1)  Jalapenos stuffed with seafood cheese and topped with bacon

2)  Four meatballs wrapped in bacon

3)  Bacon strips covered with brown sugar

4)  Two chicken thighs in the muffin pan

5)  Four mini meatloafs topped with bacon and some Carolina Tangy Gold








made some mini stuffed meatloafs  onions, japs, cheese 

Had to add the jalapenos so i get the green vegetable group covered for the day!







some CSR's for RON P   (soaking in yoshida's)
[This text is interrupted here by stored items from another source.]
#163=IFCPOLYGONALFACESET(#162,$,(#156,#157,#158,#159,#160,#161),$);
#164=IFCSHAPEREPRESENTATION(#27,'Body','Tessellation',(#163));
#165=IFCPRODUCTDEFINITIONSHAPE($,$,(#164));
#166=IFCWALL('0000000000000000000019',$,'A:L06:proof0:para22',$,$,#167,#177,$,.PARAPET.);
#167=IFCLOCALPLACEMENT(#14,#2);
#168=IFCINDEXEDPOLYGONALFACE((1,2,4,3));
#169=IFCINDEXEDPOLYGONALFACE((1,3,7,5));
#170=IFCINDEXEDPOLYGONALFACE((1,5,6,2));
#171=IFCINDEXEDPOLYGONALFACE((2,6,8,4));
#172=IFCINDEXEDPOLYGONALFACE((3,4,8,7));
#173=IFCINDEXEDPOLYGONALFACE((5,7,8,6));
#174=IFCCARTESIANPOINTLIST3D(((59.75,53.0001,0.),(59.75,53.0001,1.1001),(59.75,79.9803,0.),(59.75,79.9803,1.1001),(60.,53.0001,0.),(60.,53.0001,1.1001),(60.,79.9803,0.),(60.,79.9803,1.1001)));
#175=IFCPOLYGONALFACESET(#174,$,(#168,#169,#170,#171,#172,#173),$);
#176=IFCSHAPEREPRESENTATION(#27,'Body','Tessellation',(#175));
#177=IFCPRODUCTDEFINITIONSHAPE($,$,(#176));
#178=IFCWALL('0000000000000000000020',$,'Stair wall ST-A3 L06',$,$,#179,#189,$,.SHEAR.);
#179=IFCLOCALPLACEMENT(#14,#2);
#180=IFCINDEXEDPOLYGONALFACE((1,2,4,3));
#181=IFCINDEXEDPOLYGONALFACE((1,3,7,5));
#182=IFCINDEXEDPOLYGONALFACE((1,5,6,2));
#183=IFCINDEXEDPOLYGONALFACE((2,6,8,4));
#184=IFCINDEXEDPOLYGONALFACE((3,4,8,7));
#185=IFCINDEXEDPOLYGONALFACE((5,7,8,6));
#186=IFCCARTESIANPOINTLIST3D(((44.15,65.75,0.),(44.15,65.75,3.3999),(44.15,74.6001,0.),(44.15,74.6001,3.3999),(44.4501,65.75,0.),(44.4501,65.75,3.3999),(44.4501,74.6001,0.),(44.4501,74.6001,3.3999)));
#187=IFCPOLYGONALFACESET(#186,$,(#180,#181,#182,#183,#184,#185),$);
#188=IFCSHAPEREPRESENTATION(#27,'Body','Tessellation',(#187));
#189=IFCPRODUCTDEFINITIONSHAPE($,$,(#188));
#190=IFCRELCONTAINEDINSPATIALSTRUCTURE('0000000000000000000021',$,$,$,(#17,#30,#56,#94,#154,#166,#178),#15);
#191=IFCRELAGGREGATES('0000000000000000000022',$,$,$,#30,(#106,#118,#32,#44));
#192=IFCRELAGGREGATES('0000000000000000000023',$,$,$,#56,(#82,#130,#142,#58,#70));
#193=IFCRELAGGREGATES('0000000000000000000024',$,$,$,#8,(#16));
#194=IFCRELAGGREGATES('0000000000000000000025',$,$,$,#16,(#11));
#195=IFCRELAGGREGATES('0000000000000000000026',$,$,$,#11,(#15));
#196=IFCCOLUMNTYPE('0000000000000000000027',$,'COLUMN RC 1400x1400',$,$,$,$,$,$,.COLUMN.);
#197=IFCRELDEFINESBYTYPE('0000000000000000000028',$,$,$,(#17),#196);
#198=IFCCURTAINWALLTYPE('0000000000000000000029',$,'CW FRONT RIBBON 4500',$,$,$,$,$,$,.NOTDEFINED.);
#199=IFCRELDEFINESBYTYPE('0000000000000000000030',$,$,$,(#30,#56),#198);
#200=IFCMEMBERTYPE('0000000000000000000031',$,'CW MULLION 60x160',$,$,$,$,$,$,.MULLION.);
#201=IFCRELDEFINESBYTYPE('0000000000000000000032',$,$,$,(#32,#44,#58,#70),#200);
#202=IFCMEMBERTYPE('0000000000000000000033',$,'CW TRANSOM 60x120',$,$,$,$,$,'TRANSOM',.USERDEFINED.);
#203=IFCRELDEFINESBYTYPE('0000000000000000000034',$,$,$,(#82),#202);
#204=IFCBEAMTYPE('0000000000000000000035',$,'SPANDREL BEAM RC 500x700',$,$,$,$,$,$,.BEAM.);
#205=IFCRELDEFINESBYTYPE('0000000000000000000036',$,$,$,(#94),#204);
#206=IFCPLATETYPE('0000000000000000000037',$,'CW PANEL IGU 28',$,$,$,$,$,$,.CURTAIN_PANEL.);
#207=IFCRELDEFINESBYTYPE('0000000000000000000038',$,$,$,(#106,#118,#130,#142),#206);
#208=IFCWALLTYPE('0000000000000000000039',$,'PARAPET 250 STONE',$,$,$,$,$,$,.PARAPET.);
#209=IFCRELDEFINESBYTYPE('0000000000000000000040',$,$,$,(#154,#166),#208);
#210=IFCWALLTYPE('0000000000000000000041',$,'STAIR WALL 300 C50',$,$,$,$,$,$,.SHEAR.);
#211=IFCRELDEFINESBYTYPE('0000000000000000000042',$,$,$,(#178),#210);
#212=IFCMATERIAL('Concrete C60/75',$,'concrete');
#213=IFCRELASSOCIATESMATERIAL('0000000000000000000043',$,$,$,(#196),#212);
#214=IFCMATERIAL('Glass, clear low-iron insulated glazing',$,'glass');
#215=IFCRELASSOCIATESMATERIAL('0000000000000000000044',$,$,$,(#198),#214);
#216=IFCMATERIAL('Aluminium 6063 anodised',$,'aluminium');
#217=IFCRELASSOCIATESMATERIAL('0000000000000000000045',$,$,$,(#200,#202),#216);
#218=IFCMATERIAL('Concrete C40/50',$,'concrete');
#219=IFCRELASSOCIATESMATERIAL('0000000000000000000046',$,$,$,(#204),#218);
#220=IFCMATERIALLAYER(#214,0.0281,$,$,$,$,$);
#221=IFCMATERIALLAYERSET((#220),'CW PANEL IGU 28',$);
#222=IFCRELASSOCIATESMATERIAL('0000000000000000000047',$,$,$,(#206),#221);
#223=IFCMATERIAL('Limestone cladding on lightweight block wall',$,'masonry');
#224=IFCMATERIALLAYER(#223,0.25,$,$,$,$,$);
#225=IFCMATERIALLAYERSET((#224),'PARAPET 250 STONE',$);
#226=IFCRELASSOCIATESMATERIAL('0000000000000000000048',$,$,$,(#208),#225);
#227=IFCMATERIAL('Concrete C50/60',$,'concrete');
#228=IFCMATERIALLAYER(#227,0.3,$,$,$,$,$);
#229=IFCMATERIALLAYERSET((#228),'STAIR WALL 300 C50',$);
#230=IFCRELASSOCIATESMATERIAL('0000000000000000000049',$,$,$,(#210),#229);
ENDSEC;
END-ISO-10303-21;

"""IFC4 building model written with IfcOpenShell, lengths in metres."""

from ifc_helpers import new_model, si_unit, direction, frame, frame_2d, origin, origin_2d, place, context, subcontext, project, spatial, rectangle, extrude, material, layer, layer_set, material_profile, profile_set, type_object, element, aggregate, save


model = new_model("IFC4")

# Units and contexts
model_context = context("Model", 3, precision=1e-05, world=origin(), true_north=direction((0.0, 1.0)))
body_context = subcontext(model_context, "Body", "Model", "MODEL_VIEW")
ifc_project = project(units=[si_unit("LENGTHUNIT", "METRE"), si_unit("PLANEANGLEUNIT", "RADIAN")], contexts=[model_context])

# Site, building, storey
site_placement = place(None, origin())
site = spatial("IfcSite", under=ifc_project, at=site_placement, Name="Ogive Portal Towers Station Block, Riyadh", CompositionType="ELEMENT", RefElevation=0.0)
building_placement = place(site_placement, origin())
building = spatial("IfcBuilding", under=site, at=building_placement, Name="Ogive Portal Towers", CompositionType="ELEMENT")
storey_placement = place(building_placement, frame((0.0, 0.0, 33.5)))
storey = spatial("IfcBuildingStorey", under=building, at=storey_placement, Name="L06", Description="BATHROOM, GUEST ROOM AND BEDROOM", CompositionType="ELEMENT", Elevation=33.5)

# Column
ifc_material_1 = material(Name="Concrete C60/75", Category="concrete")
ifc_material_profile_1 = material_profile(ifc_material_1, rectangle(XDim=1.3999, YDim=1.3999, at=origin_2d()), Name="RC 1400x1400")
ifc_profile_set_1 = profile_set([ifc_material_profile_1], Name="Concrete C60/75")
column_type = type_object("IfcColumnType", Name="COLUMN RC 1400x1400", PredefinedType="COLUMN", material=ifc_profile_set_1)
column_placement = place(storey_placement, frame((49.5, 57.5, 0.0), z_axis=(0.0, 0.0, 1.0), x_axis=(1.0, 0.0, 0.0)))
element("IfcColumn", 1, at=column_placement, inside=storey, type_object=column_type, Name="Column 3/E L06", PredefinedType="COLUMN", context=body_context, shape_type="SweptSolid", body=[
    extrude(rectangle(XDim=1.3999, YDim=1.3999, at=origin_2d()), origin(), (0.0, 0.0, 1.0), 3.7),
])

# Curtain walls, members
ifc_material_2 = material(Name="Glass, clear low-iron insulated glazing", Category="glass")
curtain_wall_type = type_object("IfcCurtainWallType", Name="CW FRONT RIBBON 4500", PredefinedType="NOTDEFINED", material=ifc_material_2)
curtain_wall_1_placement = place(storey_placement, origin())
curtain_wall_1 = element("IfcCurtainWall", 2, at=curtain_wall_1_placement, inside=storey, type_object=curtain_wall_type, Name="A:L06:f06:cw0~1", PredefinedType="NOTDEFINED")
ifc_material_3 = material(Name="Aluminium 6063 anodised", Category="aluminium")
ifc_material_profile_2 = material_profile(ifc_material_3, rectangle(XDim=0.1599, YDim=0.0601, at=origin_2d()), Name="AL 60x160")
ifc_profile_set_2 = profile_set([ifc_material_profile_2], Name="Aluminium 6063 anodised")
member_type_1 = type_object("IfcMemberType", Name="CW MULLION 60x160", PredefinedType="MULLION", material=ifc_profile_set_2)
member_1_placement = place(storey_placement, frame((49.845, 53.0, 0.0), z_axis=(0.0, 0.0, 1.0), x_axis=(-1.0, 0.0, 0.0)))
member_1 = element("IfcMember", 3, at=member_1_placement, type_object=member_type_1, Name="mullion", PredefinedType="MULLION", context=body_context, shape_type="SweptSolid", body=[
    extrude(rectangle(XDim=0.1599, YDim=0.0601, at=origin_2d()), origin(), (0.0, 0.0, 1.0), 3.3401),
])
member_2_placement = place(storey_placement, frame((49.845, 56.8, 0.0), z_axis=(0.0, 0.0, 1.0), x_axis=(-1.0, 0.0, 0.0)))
everybody in the GOSM for later







oh well    we only live once!







got my helper standing guard







hopefully this will get us through the day

time for a beer

more to come later


----------



## miamirick (Jul 15, 2012)

heres some finished pics

got the guard dog on patrol keeping the ducks away







roiund one japs and meatballs







then off come the bacon strips







heres the mini meatloafs







then a couple thighs













then the csr's    tasted like candy







thanks for looking


----------



## daveomak (Jul 15, 2012)

I wouldn't have known where to start on that appetizer tray....   Idle hands on a Saturday,  priceless...  
	

	
	
		
		



		
		
	


	





.....


----------



## southernsausage (Jul 15, 2012)

very nice!!!


----------



## barneypoo69 (Jul 15, 2012)

Wife just walked by and saw the pics.......now she's hungry too.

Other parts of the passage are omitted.